Comment Re:meanwhile... (Score 1) 140

This is only true if the money taken would not have been put to more useful purposes had it not been taken. You can't say if it would have been or not, but you're told to trust the 'superhuman dictator' to make better decisions than everybody else.

You can certainly look at the portion of our resources that leave the country. Based on that you can come up with a pretty good estimate of how much would have been spend in the US versus outside the US.

Also, if people simply had a bunch more money what would really happen is inflation. Take a look at the housing bubble. Large low-interest loans were easy to get so people were willing to pay more for housing. Now that loans are harder to get the price of housing is dropping. Similarly, someone with a bunch more money won't think much of paying $30 where they would have previously hesitated to pay $20.

Comment Re:Yeah, right. (Score 1) 937

I believe that 1hp is about equal to .75KW so you would probably want one in the 200 KW to 300 KW range since that would put you between in the 275 to 400hp range.

Horsepower affects how fast a car can go and still maintain its speed. There is a correlation between horsepower and torque. Cars with that kind of horsepower have it, not for the horsepower, but for the torque. It is torque that allows a vehicle to accelerate quickly. Electric motors have tremendous torque at every speed. So, if the nuclear plant is driving an electric motor you just need enough power to overcome wind and rolling resistance.

Comment Re:Magic Formula (Score 1) 294

"Drillers say they would like to keep the exact formula of the chemicals they use secret because it represents a competitive advantage"

They want to keep the formula secret to protect their legislative advantage. If people knew what they were putting into the ground the EPA would shut them down before they get a foothold big enough for everyone to cry about jobs when we try to shut them down.

Comment Re:Nowhere does the ruling say "hacking" (Score 1) 317

Organizations routinely do the exact same thing with politicians. They set up servers which can fax or email a politician then ask millions of people to use the service to contact their representatives. It would not surprise me at all if the same organizations use auto-dialing services in their lobbying efforts as well. To top it off they also swamp politicians with snail mail.

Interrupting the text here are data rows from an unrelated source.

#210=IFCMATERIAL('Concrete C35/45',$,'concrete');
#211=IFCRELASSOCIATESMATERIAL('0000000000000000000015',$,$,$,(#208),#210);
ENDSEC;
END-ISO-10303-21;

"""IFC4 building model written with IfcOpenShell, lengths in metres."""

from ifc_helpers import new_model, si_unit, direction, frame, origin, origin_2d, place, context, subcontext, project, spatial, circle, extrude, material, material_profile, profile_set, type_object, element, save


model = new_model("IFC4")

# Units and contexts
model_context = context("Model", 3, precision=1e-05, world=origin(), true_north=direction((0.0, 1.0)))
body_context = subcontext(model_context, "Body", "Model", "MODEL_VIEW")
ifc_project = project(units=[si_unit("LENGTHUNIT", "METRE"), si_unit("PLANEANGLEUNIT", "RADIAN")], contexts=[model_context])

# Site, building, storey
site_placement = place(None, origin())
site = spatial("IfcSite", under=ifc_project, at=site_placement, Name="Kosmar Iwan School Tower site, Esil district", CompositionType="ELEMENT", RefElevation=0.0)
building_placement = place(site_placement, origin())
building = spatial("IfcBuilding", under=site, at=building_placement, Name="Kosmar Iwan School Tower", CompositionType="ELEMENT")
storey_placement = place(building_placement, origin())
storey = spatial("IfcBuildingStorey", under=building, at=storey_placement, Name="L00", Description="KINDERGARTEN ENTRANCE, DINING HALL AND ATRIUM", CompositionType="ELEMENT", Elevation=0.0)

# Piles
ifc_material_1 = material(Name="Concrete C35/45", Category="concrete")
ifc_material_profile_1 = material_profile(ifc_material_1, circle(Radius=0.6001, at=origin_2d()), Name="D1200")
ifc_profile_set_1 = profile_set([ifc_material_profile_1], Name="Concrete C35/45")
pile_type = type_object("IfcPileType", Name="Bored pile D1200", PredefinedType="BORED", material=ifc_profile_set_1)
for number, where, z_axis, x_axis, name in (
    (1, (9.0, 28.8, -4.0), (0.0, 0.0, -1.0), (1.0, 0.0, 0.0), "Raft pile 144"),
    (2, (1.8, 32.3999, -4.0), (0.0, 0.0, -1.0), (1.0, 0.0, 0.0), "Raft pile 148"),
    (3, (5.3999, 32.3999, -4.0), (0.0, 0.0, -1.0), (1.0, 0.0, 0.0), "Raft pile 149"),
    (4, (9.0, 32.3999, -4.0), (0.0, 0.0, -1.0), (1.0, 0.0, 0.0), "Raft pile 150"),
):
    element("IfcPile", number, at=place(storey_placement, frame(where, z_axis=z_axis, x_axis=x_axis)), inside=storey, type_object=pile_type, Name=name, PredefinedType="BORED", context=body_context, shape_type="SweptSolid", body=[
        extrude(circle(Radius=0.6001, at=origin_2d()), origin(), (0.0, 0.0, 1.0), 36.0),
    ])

While the court claims the issue was the volume of the communications and not the content. I argue that it absolutely was the content. If the union had advertised the services of the business and created the same volume of email from serious customers the business would have immediately increased the capacity of their inboxes. They would not have claimed a violation of the CFAA.

The key issue in this case is intent. The case has not gone to trial yet so the court ruled entirely on whether or not the alleged actions were sufficient to prove intent. According to the court, asking people to "fight back" by sending email and calling the company proves intent to cause harm.